A registered user shouldn't be able to create an account with a username longer than 40 characters, so the user you were attempting to ban must have been anonymous. As a temporary workaround, please ensure you do not attempt to ban such a user by username. Even if the exception didn't occur in this case, the username ban wouldn't work because of the disparity between the constraints on an anonymous username and the banned username stored in the database.
@triplea-game/devs: Now that we know the root cause, I'm leaning more towards a lobby-specific fix because, even if we restore the Postgres dependency in the client, the operation will still fail, and it is effectively impossible to ban usernames longer than 40 characters. I think we should, at a minimum enforce the same constraints on anonymous usernames that we enforce for registered usernames.

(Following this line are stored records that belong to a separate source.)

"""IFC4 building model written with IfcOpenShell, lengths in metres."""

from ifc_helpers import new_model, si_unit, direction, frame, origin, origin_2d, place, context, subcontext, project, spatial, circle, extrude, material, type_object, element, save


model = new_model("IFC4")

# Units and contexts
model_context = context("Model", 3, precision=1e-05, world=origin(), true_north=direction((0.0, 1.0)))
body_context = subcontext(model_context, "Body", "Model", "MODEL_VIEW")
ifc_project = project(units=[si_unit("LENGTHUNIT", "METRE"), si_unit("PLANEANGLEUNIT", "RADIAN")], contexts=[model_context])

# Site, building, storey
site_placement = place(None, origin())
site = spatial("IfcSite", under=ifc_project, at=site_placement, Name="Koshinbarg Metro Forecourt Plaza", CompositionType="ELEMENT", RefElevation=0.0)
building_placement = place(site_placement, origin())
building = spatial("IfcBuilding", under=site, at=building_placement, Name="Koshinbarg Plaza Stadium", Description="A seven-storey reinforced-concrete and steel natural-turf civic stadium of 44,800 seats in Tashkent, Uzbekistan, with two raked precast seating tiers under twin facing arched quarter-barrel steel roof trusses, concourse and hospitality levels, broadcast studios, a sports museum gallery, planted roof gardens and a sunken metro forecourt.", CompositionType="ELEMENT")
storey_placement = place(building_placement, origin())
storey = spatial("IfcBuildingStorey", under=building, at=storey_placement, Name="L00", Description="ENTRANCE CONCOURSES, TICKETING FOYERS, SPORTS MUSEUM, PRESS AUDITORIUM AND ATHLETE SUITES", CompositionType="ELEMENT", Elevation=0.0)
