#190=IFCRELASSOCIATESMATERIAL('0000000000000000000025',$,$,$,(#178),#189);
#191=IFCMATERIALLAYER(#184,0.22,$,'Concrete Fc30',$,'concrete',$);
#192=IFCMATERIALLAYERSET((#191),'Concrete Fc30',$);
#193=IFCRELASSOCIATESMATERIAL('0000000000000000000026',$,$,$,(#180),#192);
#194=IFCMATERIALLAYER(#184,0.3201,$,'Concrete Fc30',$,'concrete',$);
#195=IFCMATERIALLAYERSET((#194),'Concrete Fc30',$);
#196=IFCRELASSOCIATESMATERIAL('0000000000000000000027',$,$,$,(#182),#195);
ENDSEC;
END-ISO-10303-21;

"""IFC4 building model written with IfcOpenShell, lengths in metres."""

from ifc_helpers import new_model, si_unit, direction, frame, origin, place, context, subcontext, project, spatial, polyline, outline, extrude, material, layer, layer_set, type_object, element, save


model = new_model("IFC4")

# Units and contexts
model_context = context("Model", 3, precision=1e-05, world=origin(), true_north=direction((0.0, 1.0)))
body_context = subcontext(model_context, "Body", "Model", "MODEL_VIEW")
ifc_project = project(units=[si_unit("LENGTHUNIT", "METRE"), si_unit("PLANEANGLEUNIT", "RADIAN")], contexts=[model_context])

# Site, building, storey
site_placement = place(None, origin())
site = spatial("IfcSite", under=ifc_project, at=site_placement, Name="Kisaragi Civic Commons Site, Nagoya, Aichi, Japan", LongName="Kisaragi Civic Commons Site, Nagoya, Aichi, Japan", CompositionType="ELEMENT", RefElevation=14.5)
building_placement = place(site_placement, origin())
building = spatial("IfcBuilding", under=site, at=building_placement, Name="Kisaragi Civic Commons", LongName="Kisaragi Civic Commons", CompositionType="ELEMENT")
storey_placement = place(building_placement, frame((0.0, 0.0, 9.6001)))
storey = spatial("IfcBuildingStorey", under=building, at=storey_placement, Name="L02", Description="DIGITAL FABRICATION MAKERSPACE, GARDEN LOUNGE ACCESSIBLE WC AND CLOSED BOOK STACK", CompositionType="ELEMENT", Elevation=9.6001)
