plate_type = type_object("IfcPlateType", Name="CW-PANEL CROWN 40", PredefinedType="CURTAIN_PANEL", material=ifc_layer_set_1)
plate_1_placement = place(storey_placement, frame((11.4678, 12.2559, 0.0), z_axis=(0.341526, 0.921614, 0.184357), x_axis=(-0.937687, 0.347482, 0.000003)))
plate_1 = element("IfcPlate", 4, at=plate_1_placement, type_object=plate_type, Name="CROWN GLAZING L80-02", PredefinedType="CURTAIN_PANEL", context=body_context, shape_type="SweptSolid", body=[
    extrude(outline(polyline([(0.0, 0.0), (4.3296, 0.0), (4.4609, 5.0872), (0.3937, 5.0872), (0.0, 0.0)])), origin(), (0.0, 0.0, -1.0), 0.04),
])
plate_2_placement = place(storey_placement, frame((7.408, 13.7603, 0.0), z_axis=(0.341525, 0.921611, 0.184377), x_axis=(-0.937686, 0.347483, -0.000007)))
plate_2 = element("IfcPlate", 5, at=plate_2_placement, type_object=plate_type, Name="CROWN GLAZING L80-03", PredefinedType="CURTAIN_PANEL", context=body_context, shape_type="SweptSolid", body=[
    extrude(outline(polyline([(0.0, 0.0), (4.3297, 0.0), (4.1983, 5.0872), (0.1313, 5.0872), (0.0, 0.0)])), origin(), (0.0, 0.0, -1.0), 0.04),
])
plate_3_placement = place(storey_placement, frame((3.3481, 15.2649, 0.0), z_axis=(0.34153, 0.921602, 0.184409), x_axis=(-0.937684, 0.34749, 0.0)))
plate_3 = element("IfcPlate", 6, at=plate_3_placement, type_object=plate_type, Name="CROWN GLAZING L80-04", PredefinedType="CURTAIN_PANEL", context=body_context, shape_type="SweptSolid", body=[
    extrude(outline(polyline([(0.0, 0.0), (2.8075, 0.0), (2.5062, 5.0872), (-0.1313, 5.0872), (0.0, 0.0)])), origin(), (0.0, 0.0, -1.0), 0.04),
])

@ssoloff Agree. For now just enforce 40 char max on anonymous usernames and deploy the lobby fix. I'd like to remove anonymous usernames all together but that's a bit bigger of a change.
Sounds good. I'll look into a two PR fix this weekend: 1) to enforce a maximum length for anonymous usernames, and 2) to ensure SQLExceptions are not sent back to the client (which I think is easier than it sounds).

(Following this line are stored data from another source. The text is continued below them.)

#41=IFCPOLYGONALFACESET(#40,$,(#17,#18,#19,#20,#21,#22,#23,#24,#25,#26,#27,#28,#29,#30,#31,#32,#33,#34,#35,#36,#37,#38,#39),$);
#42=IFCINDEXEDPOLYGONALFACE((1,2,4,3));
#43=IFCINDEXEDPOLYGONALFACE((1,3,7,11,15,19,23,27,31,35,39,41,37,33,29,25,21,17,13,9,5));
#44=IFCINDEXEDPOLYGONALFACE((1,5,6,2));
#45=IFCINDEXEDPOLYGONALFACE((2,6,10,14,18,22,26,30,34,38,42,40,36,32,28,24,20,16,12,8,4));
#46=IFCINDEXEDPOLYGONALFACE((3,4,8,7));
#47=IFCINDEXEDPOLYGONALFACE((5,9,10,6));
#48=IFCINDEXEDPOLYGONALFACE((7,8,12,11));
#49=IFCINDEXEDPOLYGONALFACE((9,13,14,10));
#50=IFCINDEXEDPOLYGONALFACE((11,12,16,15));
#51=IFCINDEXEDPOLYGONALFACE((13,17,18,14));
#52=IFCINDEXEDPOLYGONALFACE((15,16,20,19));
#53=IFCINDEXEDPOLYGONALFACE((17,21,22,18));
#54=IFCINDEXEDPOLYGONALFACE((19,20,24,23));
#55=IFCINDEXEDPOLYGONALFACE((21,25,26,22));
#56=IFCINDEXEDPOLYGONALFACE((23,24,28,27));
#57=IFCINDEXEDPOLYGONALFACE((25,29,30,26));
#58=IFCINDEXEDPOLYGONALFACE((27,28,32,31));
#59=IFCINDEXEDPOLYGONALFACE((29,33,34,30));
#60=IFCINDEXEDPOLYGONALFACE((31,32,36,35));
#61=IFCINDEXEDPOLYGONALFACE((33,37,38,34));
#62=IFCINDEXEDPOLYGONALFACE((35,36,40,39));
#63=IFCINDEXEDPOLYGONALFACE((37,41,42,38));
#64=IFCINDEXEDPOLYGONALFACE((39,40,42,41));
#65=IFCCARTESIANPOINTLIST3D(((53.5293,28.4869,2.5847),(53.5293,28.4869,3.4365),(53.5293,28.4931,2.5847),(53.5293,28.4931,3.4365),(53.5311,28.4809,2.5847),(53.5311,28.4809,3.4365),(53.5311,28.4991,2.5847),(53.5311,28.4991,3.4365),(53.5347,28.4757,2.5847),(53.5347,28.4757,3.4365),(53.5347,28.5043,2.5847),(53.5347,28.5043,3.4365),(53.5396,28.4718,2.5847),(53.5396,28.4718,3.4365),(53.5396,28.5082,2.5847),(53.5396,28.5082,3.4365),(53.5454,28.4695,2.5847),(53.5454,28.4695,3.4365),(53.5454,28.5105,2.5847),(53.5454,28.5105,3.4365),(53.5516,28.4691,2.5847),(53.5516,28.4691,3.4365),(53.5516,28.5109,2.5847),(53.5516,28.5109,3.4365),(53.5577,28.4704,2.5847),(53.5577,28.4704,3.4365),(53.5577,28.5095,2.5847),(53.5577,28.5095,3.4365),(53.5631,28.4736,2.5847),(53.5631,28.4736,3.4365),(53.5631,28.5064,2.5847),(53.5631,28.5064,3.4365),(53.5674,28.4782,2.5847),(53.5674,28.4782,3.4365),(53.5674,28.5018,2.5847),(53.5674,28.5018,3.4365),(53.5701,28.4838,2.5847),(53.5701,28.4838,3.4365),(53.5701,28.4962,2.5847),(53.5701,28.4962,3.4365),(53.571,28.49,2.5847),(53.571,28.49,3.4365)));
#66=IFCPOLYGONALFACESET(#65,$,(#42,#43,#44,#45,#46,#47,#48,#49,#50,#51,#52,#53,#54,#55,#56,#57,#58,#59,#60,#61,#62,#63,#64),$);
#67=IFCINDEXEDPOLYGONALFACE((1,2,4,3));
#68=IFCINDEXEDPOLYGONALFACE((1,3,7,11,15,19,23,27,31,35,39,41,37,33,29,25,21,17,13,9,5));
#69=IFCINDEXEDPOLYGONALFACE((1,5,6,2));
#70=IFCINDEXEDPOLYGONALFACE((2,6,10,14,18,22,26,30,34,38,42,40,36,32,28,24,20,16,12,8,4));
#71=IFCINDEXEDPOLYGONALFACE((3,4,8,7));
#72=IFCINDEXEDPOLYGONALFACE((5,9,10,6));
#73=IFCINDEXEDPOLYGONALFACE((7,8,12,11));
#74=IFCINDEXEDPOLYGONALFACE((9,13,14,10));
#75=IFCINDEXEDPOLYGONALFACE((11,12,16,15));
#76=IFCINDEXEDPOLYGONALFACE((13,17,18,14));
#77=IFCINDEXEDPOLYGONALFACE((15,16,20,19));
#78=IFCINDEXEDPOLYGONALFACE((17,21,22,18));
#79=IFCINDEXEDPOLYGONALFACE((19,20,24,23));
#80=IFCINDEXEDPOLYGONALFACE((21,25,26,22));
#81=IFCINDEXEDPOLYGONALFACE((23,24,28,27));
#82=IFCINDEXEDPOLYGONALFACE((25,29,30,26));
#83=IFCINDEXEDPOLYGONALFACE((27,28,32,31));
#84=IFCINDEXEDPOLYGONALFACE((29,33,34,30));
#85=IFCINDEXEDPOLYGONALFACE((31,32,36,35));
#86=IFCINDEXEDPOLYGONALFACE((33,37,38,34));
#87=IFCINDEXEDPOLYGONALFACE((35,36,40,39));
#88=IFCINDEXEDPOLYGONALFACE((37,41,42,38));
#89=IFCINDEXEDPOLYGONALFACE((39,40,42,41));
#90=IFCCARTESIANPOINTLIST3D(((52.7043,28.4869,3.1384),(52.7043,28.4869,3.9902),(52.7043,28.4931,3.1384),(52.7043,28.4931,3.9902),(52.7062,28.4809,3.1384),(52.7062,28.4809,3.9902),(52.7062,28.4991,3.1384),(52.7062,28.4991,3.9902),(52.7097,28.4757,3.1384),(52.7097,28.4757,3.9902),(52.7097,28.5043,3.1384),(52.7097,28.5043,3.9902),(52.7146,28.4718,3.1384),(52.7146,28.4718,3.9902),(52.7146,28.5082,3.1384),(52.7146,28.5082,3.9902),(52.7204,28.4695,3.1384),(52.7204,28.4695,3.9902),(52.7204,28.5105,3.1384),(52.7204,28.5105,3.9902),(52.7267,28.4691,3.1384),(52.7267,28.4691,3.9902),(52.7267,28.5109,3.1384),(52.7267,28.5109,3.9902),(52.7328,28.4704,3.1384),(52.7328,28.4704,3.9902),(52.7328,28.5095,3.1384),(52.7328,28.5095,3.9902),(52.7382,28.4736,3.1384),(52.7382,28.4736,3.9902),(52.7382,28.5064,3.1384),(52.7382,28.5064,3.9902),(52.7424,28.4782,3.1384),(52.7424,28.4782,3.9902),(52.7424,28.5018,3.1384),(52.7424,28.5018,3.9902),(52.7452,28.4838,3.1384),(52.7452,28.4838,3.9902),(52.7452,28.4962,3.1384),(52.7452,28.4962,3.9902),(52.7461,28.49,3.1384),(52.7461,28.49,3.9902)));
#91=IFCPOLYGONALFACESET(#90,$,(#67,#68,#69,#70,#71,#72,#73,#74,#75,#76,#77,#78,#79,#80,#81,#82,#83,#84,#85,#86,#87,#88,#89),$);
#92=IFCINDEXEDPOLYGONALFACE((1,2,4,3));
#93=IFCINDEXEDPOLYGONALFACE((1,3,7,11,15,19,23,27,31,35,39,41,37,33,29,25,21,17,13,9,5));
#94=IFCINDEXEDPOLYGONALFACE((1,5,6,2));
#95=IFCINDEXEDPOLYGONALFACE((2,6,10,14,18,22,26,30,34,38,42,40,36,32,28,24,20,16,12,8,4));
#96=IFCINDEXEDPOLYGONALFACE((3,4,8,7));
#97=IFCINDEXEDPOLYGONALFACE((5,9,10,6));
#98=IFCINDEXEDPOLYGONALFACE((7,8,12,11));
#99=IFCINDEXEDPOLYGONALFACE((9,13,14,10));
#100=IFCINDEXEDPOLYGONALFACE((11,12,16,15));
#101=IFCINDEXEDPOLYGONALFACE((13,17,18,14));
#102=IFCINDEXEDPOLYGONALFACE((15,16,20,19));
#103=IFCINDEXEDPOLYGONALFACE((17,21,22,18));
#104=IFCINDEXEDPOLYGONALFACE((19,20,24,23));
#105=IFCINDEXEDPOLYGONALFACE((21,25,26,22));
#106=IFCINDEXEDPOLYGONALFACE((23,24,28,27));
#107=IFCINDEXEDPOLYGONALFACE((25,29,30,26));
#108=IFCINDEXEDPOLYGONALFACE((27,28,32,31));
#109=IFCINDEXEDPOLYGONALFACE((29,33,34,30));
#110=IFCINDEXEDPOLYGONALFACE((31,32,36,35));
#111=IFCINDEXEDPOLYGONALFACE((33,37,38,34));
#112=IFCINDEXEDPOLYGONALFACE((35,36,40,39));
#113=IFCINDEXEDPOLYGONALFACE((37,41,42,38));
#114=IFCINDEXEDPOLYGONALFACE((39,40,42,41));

However, note that any lobby update is going to be blocked by #4087. I believe that issue implies we also need to get PreRelease running.

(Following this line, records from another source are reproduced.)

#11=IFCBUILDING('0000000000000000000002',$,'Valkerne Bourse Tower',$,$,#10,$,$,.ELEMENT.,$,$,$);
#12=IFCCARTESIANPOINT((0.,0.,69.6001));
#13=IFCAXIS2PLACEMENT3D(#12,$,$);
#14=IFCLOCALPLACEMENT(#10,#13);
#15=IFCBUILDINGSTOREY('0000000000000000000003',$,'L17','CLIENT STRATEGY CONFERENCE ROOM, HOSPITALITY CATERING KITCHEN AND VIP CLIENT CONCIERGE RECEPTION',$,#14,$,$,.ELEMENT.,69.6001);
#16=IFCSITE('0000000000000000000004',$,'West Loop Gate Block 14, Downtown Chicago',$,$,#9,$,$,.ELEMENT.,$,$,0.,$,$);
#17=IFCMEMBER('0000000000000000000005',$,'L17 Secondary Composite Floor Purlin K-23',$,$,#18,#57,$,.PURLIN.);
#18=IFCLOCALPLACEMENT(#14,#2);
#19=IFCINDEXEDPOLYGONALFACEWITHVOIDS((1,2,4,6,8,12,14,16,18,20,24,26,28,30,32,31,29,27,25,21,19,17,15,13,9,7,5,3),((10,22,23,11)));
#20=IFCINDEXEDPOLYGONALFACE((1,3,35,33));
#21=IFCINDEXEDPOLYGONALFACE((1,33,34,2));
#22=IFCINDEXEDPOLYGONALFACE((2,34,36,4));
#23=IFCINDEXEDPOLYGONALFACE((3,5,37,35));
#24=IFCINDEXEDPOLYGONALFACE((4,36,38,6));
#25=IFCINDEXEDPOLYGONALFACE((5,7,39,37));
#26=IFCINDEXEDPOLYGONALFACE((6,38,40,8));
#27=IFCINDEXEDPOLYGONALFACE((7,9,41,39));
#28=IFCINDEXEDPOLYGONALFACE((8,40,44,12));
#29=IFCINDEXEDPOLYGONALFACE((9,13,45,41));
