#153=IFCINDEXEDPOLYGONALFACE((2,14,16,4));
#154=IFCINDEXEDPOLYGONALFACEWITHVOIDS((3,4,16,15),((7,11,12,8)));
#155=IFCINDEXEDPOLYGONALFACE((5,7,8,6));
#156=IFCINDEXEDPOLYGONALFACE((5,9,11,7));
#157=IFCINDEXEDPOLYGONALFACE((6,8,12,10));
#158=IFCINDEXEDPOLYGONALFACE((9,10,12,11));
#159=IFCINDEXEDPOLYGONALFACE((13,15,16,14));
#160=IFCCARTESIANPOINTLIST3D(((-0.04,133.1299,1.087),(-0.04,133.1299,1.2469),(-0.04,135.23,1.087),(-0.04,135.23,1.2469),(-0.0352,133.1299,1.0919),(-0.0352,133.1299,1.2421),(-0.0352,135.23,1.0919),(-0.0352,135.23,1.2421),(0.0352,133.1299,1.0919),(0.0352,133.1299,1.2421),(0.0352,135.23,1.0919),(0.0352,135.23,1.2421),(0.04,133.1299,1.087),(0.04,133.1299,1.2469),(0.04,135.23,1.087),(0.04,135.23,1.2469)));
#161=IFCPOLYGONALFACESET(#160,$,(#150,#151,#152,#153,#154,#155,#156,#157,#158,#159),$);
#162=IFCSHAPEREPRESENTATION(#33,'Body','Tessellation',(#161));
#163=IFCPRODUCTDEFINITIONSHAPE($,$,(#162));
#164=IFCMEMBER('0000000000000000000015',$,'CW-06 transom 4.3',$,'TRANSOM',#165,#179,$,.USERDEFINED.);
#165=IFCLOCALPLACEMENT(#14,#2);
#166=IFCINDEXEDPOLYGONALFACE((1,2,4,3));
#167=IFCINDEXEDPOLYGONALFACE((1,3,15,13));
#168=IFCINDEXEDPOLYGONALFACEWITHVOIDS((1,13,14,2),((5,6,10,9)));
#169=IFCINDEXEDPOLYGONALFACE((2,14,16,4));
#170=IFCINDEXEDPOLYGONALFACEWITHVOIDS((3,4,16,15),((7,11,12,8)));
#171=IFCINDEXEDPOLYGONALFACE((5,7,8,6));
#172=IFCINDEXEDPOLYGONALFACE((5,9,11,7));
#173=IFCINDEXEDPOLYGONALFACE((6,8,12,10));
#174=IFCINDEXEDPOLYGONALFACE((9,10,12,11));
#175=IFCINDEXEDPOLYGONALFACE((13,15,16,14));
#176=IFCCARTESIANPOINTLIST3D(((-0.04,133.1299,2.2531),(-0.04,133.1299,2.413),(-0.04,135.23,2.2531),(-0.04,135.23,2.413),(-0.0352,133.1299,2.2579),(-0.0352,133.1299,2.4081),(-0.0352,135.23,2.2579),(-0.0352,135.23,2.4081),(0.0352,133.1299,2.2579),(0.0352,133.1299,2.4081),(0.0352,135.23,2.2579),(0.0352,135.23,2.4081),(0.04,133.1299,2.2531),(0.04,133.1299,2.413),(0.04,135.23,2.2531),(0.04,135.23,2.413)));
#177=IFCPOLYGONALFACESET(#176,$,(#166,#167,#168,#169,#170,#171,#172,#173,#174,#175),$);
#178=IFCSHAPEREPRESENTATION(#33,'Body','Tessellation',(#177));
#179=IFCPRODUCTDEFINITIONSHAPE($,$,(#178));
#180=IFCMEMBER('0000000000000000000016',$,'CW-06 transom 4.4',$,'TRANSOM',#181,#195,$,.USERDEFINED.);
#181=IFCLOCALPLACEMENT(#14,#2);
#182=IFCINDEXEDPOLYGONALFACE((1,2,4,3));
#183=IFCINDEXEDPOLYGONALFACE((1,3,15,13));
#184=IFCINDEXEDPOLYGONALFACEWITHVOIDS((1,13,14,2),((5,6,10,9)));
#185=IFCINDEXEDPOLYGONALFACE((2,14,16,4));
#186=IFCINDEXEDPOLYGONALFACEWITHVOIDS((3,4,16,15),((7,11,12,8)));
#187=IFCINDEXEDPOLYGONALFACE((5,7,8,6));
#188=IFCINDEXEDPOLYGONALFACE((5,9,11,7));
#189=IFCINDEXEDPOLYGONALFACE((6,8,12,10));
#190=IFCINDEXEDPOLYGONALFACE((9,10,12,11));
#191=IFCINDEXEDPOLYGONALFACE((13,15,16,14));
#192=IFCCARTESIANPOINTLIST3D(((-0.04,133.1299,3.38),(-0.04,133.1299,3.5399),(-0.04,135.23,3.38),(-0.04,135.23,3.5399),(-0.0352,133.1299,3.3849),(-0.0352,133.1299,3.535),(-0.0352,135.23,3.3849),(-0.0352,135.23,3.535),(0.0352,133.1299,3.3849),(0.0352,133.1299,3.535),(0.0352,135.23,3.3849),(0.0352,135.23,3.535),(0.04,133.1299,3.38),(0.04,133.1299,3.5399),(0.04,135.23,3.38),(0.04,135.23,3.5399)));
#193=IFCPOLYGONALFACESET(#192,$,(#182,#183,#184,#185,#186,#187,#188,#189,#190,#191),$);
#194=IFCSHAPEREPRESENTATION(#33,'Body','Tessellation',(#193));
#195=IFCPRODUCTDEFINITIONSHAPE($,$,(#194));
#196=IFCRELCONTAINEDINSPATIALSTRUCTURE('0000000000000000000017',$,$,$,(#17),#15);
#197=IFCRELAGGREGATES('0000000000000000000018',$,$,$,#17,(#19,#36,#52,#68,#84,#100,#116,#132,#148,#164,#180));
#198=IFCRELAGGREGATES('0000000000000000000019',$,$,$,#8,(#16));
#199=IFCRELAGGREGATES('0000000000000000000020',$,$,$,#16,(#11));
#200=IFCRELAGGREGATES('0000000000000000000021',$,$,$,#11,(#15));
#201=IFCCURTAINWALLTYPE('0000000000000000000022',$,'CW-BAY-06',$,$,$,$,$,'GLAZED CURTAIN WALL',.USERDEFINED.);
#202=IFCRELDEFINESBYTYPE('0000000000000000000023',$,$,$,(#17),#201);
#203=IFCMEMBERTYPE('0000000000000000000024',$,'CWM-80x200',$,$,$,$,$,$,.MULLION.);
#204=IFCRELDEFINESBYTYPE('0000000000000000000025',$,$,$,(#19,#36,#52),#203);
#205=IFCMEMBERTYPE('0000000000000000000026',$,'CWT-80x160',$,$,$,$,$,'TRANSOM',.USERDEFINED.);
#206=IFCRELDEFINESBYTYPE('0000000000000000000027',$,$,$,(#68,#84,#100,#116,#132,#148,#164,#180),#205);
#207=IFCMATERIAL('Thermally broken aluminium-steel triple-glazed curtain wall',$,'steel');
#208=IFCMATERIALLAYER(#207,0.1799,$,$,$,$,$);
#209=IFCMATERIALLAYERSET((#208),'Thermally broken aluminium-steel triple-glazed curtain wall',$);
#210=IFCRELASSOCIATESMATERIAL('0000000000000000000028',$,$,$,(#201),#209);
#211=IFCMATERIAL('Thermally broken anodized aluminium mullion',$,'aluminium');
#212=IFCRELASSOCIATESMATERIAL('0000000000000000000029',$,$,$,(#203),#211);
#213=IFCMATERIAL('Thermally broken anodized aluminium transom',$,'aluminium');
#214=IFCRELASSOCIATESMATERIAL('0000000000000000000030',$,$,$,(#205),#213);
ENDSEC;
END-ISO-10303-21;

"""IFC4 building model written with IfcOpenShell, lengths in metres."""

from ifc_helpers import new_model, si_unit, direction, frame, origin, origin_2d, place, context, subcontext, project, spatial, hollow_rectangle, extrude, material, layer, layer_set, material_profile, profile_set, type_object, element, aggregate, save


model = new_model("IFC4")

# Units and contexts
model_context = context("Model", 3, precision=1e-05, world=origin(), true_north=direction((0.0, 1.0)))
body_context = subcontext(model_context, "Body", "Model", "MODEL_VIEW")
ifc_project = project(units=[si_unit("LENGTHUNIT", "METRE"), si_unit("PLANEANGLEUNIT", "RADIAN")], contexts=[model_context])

Without reading through it all
this error will occur if the banned user has already been disconnected I have witnessed it before
@ssoloff and all
it comes back to ghosted users
still shown in lobby
just my 2 cents
to explain fully
another mod reacts to hi your a jew and we hate you
etc or whatever other form of bs you want to examine
so a mod reacts and bans
meanwhile the slowest mod gets above
if first mods work goes through first
good example in the forum about our latest culprit
I hope it is related to the length of the user name
but I am doubtfull. Either way 10 digit idea is great
Double checking the p1 label, is the impact here so large that we would immediately deploy a fix once available?
is the impact here so large that we would immediately deploy a fix once available?
An _immediate_ deployment is probably not necessary because there is a workaround (posted in bunker). But as soon as infrastructure is straightened out, we should test on staging and deploy to production at the earliest opportunity.
Most helpful comment
One thing we don't understand at this time is just how _severe_ this problem is. I don't know what @Cernelius did to trigger a database error. The root cause may have been restricted to a very narrow window of time. I'd like to wait to hear back from @Cernelius to see if he can reliably reproduce this exception.
If @Cernelius can repro it, then I'll just submit three PRs (revert #4123, fix this issue, reapply #4123) to get this fixed for the mods quickly. Otherwise, I'd like to go the second release branch route (since we're going to need to do that eventually). Ultimately, I'll probably make the lobby-specific change so we can once again remove the Postgres dependency in the client.
In case it wasn't clear from the description, this issue _can_ affect non-mods, as well. If, for example, a database error is raised during login, the
ClassNotFoundExceptionwill be thrown in a non-mod user's client. In that case, the user is obviously not even connected to the lobby, so there's no unexpected disconnection to worry about, but, at a minimum, the error message is probably going to be confusing.